The other option is to buy a Direct Set culture.  This is a freeze dried bacterial culture
which will retain its potency for over a year if stored in the freezer. 
The benefits to the Direct Set cultures are as follows:

    1.     
They consist of high quality cheese making bacteria giving a better chance for consistent and flavorful results.
   2.      You do not make a culture from it which you then use in the cheese.  It is a ready made culture.  This eliminates the possibility of contamination.

    3.      A little bit goes a long way.

Direct Set cultures can be purchased through goat supply and cheese making supply companies.  However, for people who are interested, I suggest
purchasing
the cultures from a wholesale cheese making supply company called Dairy Connection.

Let me point out again that pasteurization of the milk ensures that only the added bacteria are present in the milk during cheese making. 
When using raw milk, the cheese making bacteria have to compete with naturally occurring bacteria, and the result can be not just unpleasant,
but possibly unsafe.  Don’t take a chance that your
hard work will be ruined by failing to pasteurize your milk.

Once the bacteria have been given time to act (at a temperature and for a time specified by the individual recipe), rennet is added to
coagulate the milk.  Do not use Junket rennet available in grocery stores.  It does not have the strength for cheese making.  Rennet can be purchased
through goat supply or cheese making companies as a liquid or as tablets.  It can be a vegetable or an animal derivative.  Although there does not seem
to be much difference between the vegetable and animal rennet, the liquid rennet is much easier to measure, and I prefer it to the tablets.  Rennet must
be added in the correct amount.  If you don’t add enough, the milk won’t set. 
If you use too much, the cheese will be bitter.

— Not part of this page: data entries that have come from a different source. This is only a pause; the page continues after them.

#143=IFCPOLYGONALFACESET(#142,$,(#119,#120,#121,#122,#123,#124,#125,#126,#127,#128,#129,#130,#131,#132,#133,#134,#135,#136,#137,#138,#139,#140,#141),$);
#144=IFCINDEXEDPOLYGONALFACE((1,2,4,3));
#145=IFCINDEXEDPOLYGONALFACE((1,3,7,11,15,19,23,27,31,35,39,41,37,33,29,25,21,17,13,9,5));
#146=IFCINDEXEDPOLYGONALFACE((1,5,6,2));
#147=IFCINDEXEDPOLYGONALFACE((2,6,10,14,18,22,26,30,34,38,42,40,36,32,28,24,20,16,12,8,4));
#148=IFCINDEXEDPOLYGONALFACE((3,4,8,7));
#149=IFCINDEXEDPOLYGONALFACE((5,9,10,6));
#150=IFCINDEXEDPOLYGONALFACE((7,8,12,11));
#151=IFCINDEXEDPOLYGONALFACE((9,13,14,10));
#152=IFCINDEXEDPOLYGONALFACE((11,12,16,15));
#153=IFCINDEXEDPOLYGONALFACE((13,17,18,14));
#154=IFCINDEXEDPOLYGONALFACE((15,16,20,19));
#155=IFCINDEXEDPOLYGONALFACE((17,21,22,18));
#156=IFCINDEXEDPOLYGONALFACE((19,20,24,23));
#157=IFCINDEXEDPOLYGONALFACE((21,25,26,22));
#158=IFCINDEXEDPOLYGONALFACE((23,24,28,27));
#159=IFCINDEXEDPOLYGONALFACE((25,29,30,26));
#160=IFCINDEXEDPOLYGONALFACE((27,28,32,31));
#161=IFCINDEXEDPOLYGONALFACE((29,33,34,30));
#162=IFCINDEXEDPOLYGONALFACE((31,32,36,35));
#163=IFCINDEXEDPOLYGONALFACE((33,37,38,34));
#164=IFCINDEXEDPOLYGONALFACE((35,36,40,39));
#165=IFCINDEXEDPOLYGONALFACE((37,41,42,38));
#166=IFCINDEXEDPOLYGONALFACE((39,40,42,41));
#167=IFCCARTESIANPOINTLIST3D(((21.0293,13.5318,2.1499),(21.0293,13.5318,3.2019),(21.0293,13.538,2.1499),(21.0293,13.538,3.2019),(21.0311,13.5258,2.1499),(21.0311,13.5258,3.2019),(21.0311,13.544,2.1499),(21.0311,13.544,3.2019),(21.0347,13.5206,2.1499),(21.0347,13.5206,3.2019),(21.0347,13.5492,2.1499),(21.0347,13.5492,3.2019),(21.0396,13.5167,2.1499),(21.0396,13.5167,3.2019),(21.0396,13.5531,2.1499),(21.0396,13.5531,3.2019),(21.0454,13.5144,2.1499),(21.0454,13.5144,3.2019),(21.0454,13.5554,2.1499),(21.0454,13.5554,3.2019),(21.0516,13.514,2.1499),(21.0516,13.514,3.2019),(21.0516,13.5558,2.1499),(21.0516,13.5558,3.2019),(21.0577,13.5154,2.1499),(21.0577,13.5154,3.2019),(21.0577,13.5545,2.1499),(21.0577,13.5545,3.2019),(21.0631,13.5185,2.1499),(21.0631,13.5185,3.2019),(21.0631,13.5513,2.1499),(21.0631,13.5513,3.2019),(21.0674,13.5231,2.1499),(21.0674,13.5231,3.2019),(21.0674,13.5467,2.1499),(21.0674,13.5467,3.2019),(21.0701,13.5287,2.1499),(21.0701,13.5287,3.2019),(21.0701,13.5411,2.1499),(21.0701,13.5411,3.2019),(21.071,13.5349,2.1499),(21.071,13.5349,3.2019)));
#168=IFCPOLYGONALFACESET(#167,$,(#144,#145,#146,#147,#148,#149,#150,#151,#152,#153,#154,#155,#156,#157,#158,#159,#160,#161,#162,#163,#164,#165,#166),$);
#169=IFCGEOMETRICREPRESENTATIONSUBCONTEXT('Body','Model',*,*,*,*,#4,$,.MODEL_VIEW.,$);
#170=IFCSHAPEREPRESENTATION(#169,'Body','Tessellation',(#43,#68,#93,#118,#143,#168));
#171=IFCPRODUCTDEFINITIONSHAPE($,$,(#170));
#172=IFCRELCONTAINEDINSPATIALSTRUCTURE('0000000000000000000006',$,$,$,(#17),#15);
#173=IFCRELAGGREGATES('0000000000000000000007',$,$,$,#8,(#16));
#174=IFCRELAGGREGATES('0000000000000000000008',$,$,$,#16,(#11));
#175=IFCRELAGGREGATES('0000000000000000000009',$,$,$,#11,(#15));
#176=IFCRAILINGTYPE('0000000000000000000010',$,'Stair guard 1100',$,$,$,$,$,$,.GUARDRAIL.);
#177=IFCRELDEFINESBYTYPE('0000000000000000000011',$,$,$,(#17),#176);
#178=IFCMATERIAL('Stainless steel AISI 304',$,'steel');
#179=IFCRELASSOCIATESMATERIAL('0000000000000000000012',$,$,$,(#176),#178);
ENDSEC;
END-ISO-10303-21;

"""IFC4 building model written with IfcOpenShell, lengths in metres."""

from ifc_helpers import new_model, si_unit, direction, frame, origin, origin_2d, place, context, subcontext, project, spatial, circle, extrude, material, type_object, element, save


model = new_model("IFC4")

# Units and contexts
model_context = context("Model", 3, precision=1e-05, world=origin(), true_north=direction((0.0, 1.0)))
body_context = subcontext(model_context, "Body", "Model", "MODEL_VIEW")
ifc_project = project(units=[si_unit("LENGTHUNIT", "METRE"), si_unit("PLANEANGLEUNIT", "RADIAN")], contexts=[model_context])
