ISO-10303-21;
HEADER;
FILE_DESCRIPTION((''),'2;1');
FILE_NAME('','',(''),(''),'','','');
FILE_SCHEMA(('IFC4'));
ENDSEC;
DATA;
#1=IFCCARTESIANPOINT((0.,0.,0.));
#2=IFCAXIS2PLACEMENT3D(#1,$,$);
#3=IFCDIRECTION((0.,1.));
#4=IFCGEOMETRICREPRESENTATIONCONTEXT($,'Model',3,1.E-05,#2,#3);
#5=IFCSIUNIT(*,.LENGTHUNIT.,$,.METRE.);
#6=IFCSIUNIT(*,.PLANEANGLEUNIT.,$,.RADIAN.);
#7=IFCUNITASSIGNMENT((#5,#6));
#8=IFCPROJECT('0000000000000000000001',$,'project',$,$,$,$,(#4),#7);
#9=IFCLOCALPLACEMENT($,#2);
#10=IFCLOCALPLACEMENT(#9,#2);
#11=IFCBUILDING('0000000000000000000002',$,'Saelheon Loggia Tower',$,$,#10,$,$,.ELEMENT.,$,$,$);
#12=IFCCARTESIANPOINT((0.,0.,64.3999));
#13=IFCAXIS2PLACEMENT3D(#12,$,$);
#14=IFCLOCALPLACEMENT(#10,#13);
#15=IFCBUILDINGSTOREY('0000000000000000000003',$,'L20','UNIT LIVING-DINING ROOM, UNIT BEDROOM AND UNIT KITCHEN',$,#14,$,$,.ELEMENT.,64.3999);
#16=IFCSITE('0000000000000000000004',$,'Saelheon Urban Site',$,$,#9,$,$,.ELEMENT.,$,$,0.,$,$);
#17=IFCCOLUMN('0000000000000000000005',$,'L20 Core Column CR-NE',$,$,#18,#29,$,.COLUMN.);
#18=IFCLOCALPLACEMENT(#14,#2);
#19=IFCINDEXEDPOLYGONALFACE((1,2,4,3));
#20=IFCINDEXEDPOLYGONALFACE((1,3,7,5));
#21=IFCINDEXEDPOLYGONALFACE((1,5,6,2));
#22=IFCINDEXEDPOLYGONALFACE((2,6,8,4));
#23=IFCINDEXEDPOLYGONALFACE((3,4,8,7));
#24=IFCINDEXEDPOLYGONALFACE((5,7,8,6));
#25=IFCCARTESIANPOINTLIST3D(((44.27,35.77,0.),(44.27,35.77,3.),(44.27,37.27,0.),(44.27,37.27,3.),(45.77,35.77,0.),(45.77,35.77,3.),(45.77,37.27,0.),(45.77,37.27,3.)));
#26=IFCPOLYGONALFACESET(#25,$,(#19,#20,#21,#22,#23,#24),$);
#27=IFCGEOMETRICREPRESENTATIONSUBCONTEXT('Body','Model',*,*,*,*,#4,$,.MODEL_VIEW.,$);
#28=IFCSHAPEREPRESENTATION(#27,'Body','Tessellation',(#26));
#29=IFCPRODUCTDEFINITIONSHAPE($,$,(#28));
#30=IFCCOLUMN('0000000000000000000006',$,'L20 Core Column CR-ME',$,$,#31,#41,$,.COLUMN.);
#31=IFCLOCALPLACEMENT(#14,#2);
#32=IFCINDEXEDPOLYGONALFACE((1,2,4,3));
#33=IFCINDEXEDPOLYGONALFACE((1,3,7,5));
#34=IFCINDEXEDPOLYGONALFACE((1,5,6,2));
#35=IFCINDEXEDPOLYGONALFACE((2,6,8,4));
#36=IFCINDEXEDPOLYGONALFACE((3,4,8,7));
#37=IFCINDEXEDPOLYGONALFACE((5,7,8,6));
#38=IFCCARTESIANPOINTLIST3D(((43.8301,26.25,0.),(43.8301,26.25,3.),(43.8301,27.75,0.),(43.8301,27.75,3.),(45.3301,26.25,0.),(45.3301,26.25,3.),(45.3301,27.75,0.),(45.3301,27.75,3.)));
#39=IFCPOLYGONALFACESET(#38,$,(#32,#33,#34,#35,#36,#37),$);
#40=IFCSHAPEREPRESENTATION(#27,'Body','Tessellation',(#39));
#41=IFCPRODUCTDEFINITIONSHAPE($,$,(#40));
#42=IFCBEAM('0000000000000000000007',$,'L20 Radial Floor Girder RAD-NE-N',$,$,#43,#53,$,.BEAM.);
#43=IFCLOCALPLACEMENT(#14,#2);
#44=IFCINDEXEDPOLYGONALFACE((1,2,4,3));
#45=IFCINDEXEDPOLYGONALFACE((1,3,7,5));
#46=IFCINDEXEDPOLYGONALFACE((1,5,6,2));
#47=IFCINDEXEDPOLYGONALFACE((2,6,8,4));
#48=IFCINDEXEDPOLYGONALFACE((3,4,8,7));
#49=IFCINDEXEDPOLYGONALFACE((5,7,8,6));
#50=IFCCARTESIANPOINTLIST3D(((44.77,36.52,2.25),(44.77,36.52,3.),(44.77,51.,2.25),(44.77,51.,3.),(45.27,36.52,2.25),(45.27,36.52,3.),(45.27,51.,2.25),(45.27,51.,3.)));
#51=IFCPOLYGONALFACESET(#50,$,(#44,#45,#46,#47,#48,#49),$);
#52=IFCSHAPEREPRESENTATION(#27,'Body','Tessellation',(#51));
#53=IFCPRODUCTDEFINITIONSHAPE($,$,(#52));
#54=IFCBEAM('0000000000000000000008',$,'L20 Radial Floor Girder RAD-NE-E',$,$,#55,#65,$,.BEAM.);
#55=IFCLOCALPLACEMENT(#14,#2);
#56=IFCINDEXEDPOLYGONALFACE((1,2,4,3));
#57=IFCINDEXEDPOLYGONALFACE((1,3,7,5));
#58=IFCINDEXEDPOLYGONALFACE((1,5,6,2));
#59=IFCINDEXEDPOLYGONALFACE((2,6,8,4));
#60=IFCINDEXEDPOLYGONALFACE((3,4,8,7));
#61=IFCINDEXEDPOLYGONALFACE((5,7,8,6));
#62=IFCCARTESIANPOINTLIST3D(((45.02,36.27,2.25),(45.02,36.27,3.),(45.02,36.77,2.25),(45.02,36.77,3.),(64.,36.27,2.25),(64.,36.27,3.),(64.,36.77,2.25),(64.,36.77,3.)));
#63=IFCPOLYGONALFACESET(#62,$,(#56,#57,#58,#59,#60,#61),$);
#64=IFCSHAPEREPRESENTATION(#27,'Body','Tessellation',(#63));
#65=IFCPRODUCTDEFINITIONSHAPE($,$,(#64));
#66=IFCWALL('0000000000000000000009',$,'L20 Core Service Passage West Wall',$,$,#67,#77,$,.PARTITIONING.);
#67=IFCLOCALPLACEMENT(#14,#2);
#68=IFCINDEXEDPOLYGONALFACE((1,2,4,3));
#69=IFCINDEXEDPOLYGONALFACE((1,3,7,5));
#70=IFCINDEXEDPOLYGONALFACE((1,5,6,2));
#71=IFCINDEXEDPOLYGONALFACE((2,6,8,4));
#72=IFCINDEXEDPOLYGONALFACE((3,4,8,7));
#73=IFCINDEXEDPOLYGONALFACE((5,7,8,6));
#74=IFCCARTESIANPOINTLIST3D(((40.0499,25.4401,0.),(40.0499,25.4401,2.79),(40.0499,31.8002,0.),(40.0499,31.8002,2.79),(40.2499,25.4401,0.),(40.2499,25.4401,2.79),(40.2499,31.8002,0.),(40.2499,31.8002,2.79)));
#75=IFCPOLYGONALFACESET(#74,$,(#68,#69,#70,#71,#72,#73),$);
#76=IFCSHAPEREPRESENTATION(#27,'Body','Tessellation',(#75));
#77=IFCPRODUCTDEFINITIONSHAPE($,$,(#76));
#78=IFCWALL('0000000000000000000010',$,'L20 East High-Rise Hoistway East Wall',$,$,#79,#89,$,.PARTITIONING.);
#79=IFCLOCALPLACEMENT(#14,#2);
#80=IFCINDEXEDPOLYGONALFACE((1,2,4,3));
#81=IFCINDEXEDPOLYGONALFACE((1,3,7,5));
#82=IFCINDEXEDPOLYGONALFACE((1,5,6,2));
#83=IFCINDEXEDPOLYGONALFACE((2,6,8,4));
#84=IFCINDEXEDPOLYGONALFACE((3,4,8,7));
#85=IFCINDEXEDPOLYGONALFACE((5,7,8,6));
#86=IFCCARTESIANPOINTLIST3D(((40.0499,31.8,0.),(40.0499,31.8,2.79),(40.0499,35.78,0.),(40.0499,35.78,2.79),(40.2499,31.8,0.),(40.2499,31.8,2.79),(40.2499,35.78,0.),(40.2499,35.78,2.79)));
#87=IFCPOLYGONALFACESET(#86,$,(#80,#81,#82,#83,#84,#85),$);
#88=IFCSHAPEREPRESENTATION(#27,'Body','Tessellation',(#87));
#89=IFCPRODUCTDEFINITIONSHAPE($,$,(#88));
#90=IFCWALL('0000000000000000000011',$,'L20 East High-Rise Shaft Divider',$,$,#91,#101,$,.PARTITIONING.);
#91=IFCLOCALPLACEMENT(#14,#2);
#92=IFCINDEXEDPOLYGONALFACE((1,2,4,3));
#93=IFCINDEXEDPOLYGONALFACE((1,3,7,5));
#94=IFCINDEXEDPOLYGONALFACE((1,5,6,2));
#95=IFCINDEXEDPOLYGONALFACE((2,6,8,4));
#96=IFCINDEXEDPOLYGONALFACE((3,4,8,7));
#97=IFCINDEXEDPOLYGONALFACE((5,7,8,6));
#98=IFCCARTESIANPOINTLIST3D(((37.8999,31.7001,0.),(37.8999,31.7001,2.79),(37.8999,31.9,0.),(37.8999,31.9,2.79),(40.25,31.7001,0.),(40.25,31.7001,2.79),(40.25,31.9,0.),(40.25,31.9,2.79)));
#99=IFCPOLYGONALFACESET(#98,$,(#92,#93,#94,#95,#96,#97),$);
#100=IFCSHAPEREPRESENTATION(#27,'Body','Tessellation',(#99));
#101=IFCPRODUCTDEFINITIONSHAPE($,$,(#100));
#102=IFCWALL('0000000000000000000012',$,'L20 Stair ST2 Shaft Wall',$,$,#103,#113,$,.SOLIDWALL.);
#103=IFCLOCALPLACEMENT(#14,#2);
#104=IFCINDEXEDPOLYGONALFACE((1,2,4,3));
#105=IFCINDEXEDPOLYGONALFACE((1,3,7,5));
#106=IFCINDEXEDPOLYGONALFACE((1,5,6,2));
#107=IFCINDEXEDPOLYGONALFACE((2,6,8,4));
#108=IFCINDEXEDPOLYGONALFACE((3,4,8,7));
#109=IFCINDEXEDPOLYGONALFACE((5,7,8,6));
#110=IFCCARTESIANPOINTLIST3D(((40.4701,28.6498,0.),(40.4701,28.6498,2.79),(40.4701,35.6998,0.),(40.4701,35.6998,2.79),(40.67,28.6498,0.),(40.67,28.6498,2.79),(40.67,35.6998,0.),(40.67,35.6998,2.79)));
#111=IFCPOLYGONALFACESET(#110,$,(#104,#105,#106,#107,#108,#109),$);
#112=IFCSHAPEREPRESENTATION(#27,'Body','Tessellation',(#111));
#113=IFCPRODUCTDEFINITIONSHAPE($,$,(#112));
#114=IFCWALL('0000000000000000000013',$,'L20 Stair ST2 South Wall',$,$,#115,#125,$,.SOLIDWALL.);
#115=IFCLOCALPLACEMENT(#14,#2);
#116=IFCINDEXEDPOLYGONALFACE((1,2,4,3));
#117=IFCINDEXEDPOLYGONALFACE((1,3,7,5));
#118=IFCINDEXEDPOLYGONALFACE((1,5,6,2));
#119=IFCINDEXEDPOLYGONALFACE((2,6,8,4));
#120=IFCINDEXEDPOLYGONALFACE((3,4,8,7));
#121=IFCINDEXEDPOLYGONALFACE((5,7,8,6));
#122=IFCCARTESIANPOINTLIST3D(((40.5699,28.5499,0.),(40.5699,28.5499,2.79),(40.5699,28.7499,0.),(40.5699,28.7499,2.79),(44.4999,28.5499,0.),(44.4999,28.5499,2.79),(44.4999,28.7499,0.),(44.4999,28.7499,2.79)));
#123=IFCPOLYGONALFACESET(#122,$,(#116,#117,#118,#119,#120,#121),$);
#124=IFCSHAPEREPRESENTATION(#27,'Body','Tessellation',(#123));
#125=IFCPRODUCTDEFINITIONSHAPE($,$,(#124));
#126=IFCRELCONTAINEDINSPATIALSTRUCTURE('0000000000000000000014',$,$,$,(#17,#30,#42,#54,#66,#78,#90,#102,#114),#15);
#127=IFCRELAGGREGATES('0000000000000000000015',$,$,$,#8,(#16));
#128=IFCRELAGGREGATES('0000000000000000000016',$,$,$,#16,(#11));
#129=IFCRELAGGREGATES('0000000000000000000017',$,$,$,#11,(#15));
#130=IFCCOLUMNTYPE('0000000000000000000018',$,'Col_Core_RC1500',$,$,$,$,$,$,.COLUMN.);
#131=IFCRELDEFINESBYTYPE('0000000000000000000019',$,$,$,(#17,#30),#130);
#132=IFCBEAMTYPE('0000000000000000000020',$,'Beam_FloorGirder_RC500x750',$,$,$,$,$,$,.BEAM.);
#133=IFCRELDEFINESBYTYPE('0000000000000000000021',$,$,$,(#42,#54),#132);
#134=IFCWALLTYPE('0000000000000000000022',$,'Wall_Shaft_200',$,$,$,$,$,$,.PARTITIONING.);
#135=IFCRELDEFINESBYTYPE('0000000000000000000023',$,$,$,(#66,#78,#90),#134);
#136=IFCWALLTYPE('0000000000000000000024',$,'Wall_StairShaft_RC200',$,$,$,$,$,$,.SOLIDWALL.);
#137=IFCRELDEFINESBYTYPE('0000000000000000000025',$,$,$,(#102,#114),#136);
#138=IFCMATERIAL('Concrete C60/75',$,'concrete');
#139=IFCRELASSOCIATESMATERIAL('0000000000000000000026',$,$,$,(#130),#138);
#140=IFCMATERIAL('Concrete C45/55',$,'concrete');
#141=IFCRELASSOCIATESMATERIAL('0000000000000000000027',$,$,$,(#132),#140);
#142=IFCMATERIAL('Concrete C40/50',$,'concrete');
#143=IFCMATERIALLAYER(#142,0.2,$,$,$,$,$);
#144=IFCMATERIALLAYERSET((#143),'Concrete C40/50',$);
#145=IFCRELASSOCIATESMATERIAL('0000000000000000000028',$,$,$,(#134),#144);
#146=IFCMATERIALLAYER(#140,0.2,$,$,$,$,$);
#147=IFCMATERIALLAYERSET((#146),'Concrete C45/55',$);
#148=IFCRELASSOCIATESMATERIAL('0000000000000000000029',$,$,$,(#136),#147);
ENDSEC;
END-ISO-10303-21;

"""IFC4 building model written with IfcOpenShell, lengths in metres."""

from ifc_helpers import new_model, si_unit, direction, frame, frame_2d, origin, origin_2d, place, context, subcontext, project, spatial, rectangle, extrude, source, transform, mapped, material, layer, layer_set, material_profile, profile_set, type_object, element, save


model = new_model("IFC4")

# Units and contexts
model_context = context("Model", 3, precision=1e-05, world=origin(), true_north=direction((0.0, 1.0)))
body_context = subcontext(model_context, "Body", "Model", "MODEL_VIEW")
ifc_project = project(units=[si_unit("LENGTHUNIT", "METRE"), si_unit("PLANEANGLEUNIT", "RADIAN")], contexts=[model_context])

# Site, building, storey
site_placement = place(None, origin())
site = spatial("IfcSite", under=ifc_project, at=site_placement, Name="Saelheon Urban Site", CompositionType="ELEMENT", RefElevation=0.0)
building_placement = place(site_placement, origin())
building = spatial("IfcBuilding", under=site, at=building_placement, Name="Saelheon Loggia Tower", CompositionType="ELEMENT")
storey_placement = place(building_placement, frame((0.0, 0.0, 64.3999)))
storey = spatial("IfcBuildingStorey", under=building, at=storey_placement, Name="L20", Description="UNIT LIVING-DINING ROOM, UNIT BEDROOM AND UNIT KITCHEN", CompositionType="ELEMENT", Elevation=64.3999)

# Columns
ifc_material_1 = material(Name="Concrete C60/75", Category="concrete")
ifc_material_profile_1 = material_profile(ifc_material_1, rectangle(XDim=1.5, YDim=1.5, at=origin_2d()), Name="RC-1500x1500")
ifc_profile_set_1 = profile_set([ifc_material_profile_1], Name="Concrete C60/75")
column_type = type_object("IfcColumnType", Name="Col_Core_RC1500", PredefinedType="COLUMN", material=ifc_profile_set_1)
shared_shape_1 = source(origin(), body_context, "Body", "SweptSolid", [
    extrude(rectangle(XDim=1.5, YDim=1.5, at=origin_2d()), origin(), (0.0, 0.0, 1.0), 3.0),
])
for number, where, z_axis, x_axis, name in (
    (1, (45.02, 36.52, 0.0), (0.0, 0.0, 1.0), (1.0, 0.0, 0.0), "L20 Core Column CR-NE"),
    (2, (44.5801, 27.0, 0.0), (0.0, 0.0, 1.0), (1.0, 0.0, 0.0), "L20 Core Column CR-ME"),
):
    element("IfcColumn", number, at=place(storey_placement, frame(where, z_axis=z_axis, x_axis=x_axis)), inside=storey, type_object=column_type, Name=name, PredefinedType="COLUMN", context=body_context, shape_type="MappedRepresentation", body=[
        mapped(shared_shape_1, transform((0.0, 0.0, 0.0), scale=1.0)),
    ])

Here again, time and temperature play an important role.  Rennet works best in milk with a higher acid content.  If you add the rennet before the culture
has had time to acidify the milk, the resulting curds will be weak and unworkable. 
If you wait too long to add the rennet, you may end up with a very
sour cheese.  Pay close attention to the times and temperatures indicated in your recipe.  Have a good thermometer.  But remember that people have been
making cheese for thousands of years without modern equipment.  Pay attention to the directions, but don’t obsess about them and don’t feel that cheese making
is too complicated to try.  You can turn that milk into
cheese, and with a little attention to directions, it will be a very good cheese.